Wall Street Slips as Strong Jobs Report Dims Hopes for Early Fed Rate Cuts

U.S. stocks eased after stronger-than-expected January payroll growth reduced expectations for near-term rate cuts, while energy and gold stocks surged. Treasury yields rose as the 10-year note touched 4.17%.
The Dow slipped 66.74 points or 0.1 percent to 50,1212.40, the Nasdaq dipped 36.01 points or 0.2 percent to 23,066.47 and the S&P 500 edged down 0.34 points or less than a tenth of a percent to 6,941.47.Wall Street opened stronger on Thursday after the Labor Department reported that U.S. non-farm payrolls surged by 130,000 in January, far exceeding expectations of 70,000. Decembers gain was revised down to 48,000 from 50,000, while the unemployment rate edged lower to 4.3% from 4.4%, defying forecasts for no change.
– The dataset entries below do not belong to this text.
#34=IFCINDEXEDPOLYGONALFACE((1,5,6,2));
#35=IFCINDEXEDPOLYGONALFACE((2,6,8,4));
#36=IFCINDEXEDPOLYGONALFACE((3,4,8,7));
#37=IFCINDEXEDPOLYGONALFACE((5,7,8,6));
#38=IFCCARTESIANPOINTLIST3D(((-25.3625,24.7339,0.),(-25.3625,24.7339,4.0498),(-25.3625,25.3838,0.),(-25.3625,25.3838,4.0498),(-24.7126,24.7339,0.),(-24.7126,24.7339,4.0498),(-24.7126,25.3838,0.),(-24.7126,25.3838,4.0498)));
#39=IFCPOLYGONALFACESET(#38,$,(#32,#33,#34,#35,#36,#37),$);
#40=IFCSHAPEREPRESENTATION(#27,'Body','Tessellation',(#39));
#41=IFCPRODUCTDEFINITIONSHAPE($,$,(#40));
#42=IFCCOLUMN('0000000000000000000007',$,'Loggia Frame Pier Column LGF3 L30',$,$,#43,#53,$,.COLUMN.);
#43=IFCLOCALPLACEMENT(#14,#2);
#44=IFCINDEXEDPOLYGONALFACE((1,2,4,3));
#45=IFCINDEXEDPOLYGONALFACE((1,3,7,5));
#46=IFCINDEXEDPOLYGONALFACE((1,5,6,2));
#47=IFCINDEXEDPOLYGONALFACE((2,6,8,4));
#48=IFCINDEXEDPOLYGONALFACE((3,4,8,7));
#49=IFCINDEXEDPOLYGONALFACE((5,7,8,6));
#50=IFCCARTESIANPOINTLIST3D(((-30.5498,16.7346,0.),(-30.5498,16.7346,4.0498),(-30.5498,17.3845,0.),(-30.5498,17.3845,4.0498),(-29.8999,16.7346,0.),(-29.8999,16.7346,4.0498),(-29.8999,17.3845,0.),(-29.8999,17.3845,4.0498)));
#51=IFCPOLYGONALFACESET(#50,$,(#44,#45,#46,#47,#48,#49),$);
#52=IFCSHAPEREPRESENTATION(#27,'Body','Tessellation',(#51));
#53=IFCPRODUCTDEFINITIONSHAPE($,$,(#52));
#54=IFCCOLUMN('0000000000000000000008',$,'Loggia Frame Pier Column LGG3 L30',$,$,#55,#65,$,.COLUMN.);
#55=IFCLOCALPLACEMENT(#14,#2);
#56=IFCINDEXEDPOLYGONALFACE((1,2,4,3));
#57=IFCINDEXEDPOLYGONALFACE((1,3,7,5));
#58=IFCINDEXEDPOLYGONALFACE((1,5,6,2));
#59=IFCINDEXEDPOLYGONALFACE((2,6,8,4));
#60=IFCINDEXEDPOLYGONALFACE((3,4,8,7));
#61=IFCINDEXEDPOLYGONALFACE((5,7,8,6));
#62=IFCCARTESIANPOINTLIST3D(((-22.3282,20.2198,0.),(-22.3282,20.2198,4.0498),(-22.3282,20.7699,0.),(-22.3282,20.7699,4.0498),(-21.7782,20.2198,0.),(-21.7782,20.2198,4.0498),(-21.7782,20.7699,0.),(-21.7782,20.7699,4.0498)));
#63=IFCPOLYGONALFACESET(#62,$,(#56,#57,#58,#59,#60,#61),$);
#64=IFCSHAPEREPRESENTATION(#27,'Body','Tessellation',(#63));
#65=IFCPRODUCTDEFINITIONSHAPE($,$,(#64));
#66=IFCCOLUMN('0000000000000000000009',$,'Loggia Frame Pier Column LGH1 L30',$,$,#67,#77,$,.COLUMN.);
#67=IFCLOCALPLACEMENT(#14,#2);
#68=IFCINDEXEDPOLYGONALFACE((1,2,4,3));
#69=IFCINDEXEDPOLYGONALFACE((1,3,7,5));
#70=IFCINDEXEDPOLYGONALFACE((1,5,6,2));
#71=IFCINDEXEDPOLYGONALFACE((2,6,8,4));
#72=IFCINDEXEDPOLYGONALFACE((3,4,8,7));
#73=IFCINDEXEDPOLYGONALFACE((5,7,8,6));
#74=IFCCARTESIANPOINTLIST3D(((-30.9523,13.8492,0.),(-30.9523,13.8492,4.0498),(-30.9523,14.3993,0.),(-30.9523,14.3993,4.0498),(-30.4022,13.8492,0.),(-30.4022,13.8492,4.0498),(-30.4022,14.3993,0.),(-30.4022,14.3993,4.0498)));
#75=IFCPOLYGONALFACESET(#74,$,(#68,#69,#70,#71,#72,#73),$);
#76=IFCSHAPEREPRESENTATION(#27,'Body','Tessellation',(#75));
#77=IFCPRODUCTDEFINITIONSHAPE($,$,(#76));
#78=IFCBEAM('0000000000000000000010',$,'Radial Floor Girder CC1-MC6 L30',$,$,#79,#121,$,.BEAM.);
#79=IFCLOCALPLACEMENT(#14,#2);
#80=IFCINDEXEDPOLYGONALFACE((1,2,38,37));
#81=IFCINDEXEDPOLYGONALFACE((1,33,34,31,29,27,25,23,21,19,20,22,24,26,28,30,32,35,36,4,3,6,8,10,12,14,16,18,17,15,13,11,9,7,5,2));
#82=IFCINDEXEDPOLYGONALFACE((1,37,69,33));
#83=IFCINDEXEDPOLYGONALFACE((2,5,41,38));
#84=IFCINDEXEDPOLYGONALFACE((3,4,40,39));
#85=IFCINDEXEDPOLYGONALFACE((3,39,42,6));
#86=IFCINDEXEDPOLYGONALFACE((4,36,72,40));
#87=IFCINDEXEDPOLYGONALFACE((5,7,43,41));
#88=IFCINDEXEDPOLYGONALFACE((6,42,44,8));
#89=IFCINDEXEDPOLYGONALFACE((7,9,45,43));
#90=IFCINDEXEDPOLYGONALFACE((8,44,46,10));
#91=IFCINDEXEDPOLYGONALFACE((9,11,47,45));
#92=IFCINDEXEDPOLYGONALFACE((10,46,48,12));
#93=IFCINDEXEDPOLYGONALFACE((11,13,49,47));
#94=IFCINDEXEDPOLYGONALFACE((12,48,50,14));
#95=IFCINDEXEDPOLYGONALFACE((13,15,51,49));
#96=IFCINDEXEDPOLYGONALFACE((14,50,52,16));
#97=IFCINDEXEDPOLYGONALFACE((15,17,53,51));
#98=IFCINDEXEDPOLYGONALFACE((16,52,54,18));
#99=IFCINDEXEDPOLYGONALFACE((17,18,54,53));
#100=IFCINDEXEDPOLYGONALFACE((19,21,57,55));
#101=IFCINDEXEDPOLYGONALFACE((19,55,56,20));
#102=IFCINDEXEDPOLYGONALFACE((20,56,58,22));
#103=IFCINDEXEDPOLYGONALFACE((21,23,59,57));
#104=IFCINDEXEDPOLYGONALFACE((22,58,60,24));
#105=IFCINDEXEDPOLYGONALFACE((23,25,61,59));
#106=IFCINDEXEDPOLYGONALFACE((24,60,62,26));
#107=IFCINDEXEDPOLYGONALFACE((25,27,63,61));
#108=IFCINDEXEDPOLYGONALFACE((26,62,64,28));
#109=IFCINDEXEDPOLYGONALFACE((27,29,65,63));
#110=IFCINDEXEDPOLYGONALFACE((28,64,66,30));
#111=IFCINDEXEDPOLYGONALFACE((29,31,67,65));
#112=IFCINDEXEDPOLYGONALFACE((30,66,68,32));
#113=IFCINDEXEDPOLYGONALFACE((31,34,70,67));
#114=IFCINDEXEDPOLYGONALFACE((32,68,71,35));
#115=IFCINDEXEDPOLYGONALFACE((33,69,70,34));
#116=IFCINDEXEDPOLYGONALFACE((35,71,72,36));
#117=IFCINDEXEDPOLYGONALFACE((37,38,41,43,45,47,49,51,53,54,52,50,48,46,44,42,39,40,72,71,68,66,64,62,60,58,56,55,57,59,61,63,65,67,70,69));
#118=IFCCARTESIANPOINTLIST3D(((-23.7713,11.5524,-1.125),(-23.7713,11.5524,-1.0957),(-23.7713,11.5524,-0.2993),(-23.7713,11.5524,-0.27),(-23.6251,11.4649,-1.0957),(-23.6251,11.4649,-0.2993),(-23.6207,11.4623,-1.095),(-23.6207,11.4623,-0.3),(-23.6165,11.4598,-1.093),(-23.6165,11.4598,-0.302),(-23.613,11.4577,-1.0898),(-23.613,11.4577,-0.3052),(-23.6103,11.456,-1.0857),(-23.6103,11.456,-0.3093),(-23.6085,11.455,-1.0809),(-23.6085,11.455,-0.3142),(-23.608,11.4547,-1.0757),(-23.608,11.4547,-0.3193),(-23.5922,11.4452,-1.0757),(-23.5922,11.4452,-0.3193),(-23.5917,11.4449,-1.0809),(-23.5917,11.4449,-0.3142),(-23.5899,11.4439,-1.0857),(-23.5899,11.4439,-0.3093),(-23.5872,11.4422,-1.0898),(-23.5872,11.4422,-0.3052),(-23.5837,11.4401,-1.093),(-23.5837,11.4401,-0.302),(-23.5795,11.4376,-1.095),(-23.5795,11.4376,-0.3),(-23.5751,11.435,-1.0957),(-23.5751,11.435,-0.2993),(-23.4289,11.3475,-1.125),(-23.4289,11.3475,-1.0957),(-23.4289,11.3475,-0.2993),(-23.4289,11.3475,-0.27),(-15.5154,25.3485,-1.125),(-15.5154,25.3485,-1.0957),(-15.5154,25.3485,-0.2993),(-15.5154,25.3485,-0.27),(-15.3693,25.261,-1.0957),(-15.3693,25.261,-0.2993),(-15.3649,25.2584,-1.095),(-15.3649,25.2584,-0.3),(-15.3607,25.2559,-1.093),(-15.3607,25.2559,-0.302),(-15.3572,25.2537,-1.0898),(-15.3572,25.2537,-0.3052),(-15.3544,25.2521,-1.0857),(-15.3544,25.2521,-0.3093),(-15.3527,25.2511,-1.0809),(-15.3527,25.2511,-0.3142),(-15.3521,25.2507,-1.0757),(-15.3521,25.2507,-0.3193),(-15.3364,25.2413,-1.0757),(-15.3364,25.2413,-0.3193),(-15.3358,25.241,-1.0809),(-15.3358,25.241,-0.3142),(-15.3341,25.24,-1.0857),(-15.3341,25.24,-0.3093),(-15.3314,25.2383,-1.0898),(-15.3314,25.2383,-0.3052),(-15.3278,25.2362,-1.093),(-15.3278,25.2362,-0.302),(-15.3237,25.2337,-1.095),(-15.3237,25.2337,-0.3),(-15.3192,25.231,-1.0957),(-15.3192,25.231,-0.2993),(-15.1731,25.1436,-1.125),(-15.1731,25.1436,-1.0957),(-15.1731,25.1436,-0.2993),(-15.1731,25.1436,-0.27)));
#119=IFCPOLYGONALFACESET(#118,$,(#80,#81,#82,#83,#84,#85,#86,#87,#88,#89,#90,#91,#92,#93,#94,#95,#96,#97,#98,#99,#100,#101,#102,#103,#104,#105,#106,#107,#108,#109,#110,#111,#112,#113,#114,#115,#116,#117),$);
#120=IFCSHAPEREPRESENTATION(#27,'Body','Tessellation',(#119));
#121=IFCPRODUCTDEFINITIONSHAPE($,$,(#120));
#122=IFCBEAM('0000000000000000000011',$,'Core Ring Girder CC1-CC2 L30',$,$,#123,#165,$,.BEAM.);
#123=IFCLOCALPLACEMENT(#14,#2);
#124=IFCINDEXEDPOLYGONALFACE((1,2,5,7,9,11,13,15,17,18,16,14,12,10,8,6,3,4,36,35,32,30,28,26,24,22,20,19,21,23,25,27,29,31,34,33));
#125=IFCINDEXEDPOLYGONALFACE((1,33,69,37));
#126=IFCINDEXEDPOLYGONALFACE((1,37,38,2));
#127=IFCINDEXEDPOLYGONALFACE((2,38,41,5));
However, the Department also made a large downward revision to 2025 job growth, cutting the annual total to 181,000 from 584,000. LPL Financials Chief Economist Jeffrey Roach noted that labor demand had nearly stalled last year, with an average monthly gain of just 15,000 jobs. The stronger-than-expected January figures now make near-term Fed rate cuts less likely ahead of Fridays key inflation report.
Energy stocks moved sharply higher along with the price of crude oil, with the Philadelphia Oil Service Index and the NYSE Arca Oil Index surging by 3.1 percent and 2.8 percent, respectively. Gold prices notably increased contributing to substantial strength among gold stocks, as reflected by the 2.6 percent jump by the NYSE Arca Gold Bugs Index. Semiconductor, computer hardware and natural gas stocks also saw considerable strength, while airline, software and brokerage stocks showed significant moves to the downside.
Asia-Pacific stocks moved mostly higher, with the Japanese markets closed for a holiday. China's Shanghai Composite Index inched up by 0.1 percent, while Hong Kong's Hang Seng Index rose by 0.3 percent. The major European markets turned in a mixed performance on the day while the U.K.'s FTSE 100 Index jumped by 1.1 percent, the French CAC 40 Index dipped by 0.2 percent and the German DAX Index fell by 0.5 percent.
In the bond market, treasuries moved to the downside in reaction to the monthly jobs data. As a result, the yield on the benchmark ten-year note which moves opposite of its price, climbed 2.5 bps to 4.17 percent.